Сказать, что я был не готов, все равно, что сказать, что атомная бомба побила много оконных стекол. Прискорбный факт в том, что предыдущие шесть дней я бахался качелями, до неприличия гигантскими коктейлями из кокаина с героином, с такой регулярностью, что руки у меня распухли до размеров индейских дубинок. Мозги явно раздувало от всех замечательных фраз, которые я обязательно напишу, едва усажу себя за рабочее место. Этого не случилось.

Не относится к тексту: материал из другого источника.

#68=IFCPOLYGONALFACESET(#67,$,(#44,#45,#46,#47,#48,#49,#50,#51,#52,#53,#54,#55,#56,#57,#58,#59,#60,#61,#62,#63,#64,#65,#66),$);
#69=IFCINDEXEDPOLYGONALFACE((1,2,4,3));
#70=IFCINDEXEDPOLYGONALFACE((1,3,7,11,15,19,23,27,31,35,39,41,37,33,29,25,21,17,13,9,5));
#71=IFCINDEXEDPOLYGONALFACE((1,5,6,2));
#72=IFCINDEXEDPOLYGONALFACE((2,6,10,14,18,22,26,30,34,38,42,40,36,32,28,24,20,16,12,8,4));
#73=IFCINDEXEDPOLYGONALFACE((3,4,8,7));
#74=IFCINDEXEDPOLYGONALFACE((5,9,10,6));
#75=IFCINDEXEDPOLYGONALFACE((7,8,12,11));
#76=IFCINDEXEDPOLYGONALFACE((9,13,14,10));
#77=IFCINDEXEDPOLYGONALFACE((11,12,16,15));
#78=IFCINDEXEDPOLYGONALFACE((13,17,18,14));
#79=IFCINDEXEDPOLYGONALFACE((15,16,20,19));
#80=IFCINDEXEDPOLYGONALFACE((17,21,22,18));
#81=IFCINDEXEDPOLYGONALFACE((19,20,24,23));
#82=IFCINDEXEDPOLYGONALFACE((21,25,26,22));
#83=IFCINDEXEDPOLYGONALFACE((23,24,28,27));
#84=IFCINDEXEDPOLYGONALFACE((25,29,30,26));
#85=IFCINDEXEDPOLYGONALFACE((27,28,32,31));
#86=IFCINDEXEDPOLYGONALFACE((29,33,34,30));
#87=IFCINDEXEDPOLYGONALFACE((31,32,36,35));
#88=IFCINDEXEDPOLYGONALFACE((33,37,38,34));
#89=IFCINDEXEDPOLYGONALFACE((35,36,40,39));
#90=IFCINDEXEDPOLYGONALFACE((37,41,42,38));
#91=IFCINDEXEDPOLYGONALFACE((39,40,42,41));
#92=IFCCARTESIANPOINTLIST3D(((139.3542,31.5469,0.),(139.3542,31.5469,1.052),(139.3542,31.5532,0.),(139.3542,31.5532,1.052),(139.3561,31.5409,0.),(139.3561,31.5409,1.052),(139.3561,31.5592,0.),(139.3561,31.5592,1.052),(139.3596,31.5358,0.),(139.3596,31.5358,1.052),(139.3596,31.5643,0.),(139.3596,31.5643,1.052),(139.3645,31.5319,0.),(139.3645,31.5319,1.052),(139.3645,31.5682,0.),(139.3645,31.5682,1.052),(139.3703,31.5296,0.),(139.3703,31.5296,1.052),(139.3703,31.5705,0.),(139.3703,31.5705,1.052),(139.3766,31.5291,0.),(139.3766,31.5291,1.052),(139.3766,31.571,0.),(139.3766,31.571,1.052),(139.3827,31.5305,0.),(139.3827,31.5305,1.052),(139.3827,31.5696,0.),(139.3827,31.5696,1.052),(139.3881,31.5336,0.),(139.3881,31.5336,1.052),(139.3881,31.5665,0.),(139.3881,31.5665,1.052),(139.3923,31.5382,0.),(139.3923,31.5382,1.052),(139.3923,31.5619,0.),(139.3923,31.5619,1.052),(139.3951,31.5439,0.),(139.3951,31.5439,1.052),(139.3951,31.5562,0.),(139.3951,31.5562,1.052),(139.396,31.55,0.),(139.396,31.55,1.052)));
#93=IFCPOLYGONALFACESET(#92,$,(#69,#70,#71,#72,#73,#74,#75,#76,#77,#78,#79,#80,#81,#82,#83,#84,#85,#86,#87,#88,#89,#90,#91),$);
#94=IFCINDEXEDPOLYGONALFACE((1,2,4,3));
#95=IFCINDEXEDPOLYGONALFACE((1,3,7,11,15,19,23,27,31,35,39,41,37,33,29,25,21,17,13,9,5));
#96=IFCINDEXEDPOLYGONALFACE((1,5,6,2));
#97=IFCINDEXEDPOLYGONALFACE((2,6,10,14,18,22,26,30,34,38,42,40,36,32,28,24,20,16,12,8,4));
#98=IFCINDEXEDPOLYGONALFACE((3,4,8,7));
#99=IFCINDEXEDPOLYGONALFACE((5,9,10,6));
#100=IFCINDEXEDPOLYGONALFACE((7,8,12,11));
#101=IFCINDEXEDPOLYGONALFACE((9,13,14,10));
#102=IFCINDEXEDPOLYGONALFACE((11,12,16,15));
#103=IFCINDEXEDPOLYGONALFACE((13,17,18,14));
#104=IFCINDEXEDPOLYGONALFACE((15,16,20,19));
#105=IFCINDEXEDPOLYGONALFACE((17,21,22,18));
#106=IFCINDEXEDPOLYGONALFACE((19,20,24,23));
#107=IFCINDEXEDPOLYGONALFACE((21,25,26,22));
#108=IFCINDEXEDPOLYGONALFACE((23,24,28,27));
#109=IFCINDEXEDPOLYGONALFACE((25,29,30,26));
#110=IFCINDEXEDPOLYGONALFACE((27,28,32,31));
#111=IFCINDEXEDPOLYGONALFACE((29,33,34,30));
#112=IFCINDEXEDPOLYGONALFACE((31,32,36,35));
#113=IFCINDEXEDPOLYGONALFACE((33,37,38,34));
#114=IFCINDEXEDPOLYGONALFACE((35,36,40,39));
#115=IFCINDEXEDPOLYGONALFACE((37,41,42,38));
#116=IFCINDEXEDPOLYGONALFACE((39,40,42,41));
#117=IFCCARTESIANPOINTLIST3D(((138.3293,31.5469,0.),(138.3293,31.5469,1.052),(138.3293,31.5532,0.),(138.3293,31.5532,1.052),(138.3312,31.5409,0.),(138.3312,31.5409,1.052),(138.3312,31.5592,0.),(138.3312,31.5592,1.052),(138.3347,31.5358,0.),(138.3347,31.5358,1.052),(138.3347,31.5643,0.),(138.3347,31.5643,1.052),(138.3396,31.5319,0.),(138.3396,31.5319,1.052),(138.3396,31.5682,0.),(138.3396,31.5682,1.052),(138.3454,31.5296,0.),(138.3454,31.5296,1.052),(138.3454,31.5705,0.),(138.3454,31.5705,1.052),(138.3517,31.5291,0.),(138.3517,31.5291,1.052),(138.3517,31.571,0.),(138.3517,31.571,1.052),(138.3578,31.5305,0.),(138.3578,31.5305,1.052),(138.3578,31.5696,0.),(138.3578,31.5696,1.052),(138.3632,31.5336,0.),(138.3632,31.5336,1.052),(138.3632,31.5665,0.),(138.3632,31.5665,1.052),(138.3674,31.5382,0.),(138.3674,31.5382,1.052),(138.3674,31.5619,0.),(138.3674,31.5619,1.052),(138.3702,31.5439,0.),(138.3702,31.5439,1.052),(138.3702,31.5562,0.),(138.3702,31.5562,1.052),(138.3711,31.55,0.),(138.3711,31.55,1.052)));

Дни шли. Смутно вспоминаю, как мотался к Джизусу пару-тройку дней, рассиживал в сортире с блокнотом на голых коленях, стараясь собрать кровь из шприца, чтобы не замазать какие-то кусочки диалога, которые все же накорябал красным растекающимся фломастером. Бесполезно. Они все равно никуда не годились, даже если бы были читабельными.
Следующее, что помню, как в полной панике прилип к своему раздолбанному компу, пытаясь что-нибудь родить, хоть что-то, пока ухмыляющийся посланник с колючими глазами ждал за дверью. Разумеется, я не мог его впустить. Мое жилище напоминало боснийскую аптеку — разграбленное, арендованное помещение.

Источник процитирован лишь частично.